Robot Navigation in Constrained Pedestrian Environments using
Reinforcement Learning
- URL: http://arxiv.org/abs/2010.08600v2
- Date: Mon, 16 Nov 2020 06:26:16 GMT
- Title: Robot Navigation in Constrained Pedestrian Environments using
Reinforcement Learning
- Authors: Claudia P\'erez-D'Arpino, Can Liu, Patrick Goebel, Roberto
Mart\'in-Mart\'in, Silvio Savarese
- Abstract summary: Navigating fluently around pedestrians is a necessary capability for mobile robots deployed in human environments.
We present an approach based on reinforcement learning to learn policies capable of dynamic adaptation to the presence of moving pedestrians.
We show transfer of the learned policy to unseen 3D reconstructions of two real environments.
- Score: 32.454250811667904
- License: http://arxiv.org/licenses/nonexclusive-distrib/1.0/
- Abstract: Navigating fluently around pedestrians is a necessary capability for mobile
robots deployed in human environments, such as buildings and homes.

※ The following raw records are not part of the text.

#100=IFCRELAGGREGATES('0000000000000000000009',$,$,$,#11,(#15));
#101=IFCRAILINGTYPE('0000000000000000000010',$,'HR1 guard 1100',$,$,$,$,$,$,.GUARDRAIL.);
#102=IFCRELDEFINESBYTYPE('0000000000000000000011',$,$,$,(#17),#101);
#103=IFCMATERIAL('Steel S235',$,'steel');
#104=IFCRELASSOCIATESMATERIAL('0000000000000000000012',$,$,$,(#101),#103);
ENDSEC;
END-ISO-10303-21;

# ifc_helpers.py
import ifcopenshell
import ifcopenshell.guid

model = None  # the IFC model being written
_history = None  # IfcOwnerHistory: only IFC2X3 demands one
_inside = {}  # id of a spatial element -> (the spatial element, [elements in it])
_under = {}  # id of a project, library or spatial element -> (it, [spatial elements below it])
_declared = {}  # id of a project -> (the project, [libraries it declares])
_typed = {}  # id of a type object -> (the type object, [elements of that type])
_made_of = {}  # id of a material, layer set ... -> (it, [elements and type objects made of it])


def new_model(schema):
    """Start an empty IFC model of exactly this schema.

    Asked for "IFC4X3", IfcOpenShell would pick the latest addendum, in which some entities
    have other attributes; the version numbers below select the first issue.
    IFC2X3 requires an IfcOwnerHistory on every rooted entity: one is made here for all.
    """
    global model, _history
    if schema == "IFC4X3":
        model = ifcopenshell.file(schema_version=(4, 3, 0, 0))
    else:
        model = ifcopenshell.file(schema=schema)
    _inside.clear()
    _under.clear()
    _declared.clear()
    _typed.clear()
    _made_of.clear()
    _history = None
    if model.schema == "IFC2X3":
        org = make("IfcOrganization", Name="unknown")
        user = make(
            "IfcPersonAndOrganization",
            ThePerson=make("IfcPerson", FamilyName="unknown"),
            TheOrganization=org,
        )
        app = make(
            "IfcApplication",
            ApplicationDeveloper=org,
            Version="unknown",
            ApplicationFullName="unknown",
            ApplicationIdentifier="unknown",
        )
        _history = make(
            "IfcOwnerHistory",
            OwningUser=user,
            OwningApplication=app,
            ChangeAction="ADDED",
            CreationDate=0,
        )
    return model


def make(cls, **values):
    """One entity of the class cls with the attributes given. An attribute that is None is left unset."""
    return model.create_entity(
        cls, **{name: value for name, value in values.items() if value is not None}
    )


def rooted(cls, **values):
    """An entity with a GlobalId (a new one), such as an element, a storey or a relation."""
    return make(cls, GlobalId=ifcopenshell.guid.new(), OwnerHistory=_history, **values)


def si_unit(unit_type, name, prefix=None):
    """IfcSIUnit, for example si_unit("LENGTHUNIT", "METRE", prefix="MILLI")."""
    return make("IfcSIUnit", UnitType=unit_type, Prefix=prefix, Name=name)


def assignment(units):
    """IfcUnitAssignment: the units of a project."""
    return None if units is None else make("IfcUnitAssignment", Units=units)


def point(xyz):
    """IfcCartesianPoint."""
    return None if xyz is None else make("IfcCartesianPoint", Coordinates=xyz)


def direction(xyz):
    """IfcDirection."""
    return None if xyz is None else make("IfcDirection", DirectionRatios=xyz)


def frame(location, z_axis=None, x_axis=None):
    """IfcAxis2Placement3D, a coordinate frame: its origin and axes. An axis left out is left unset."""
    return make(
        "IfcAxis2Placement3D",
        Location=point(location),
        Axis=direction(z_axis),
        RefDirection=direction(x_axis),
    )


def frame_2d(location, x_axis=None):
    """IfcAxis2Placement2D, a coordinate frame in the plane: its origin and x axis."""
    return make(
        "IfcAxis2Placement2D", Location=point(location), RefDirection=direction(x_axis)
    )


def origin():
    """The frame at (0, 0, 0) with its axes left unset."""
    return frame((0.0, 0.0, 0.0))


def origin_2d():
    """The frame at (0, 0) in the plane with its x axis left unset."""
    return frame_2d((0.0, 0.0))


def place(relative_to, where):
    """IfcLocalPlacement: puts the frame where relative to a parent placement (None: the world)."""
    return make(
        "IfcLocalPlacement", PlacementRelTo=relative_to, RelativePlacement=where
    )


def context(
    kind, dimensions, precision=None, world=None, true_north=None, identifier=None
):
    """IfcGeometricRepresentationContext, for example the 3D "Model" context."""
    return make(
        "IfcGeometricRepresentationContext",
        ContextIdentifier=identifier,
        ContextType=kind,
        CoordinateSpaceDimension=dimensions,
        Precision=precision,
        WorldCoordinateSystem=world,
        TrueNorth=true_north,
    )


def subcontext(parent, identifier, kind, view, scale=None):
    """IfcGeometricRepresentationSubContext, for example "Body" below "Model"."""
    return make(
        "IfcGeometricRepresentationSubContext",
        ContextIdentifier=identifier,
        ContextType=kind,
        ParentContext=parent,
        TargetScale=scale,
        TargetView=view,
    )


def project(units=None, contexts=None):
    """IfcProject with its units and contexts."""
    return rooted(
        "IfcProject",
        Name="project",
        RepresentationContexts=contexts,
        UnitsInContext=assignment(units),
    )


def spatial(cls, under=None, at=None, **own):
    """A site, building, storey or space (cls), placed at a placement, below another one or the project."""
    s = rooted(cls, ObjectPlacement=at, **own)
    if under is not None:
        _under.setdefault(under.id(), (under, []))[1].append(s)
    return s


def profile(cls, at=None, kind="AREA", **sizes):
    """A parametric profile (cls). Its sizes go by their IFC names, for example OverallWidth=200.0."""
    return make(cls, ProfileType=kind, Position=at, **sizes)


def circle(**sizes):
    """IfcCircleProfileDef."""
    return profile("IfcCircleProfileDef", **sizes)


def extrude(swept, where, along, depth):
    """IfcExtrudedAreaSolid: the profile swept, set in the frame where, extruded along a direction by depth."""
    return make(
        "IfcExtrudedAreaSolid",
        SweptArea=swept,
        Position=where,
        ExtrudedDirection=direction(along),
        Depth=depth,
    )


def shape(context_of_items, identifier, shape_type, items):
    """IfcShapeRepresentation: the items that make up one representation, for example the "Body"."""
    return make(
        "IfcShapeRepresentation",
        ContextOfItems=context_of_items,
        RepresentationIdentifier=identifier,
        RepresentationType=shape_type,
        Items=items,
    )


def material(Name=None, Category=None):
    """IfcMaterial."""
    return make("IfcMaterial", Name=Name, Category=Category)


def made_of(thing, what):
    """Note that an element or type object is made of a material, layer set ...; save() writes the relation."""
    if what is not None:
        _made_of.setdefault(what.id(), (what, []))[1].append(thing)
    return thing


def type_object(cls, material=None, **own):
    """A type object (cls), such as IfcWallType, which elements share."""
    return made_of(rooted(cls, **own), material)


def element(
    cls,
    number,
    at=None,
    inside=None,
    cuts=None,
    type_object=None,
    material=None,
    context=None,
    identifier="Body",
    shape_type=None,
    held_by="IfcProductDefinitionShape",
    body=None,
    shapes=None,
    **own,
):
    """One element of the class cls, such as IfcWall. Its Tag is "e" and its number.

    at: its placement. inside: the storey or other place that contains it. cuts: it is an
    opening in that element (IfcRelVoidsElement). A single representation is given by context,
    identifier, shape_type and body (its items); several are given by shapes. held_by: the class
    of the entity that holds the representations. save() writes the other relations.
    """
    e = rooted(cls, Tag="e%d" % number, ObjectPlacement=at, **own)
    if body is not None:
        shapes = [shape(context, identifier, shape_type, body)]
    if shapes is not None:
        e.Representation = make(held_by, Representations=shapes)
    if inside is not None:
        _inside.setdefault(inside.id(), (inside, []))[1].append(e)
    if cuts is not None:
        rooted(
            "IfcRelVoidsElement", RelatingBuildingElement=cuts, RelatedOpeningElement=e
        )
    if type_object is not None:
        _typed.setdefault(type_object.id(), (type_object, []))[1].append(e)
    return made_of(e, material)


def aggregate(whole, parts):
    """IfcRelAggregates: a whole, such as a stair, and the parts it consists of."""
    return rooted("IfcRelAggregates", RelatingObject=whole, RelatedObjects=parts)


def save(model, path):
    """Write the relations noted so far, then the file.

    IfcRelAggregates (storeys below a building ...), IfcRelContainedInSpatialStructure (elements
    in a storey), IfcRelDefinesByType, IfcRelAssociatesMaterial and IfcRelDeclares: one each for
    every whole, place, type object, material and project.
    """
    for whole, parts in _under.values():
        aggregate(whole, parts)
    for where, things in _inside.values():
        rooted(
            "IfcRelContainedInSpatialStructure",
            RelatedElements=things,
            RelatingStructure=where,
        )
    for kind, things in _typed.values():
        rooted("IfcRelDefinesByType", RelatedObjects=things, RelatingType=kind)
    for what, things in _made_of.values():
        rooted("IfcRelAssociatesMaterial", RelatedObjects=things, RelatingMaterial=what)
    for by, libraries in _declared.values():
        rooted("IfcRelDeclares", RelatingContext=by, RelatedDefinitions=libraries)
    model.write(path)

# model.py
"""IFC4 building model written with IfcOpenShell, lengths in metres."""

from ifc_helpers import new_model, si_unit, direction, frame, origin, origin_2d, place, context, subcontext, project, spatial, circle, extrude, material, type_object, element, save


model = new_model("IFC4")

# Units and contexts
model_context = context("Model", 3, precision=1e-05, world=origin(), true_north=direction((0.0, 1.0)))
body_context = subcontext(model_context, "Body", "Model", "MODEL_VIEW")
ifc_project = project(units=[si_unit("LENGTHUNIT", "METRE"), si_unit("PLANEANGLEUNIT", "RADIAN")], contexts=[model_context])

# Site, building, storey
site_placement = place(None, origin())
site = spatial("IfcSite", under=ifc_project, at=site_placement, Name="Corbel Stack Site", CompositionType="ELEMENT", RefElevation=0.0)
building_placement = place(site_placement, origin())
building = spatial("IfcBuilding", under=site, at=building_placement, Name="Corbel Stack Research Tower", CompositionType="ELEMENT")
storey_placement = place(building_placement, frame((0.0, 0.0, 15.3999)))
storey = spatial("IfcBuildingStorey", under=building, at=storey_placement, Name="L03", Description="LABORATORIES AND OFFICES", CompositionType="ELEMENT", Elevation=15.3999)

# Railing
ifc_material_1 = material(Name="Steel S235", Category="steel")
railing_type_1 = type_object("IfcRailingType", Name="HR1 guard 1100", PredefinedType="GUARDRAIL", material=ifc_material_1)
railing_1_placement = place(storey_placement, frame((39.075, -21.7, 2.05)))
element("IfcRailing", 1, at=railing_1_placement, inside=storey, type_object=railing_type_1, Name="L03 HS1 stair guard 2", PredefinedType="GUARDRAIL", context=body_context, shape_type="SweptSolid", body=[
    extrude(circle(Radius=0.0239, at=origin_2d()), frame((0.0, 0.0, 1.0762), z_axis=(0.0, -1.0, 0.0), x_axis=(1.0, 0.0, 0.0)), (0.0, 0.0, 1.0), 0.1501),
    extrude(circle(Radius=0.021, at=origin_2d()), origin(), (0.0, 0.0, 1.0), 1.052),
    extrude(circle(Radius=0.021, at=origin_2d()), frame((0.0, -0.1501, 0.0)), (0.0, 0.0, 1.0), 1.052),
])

While
research on social navigation has focused mainly on the scalability with the
number of pedestrians in open spaces, typical indoor environments present the
additional challenge of constrained spaces such as corridors and doorways that
limit maneuverability and influence patterns of pedestrian interaction. We
present an approach based on reinforcement learning (RL) to learn policies
capable of dynamic adaptation to the presence of moving pedestrians while
navigating between desired locations in constrained environments. The policy
network receives guidance from a motion planner that provides waypoints to
follow a globally planned trajectory, whereas RL handles the local
interactions. We explore a compositional principle for multi-layout training
and find that policies trained in a small set of geometrically simple layouts
successfully generalize to more complex unseen layouts that exhibit composition
of the structural elements available during training. Going beyond walls-world
like domains, we show transfer of the learned policy to unseen 3D
reconstructions of two real environments. These results support the
applicability of the compositional principle to navigation in real-world
buildings and indicate promising usage of multi-agent simulation within
reconstructed environments for tasks that involve interaction.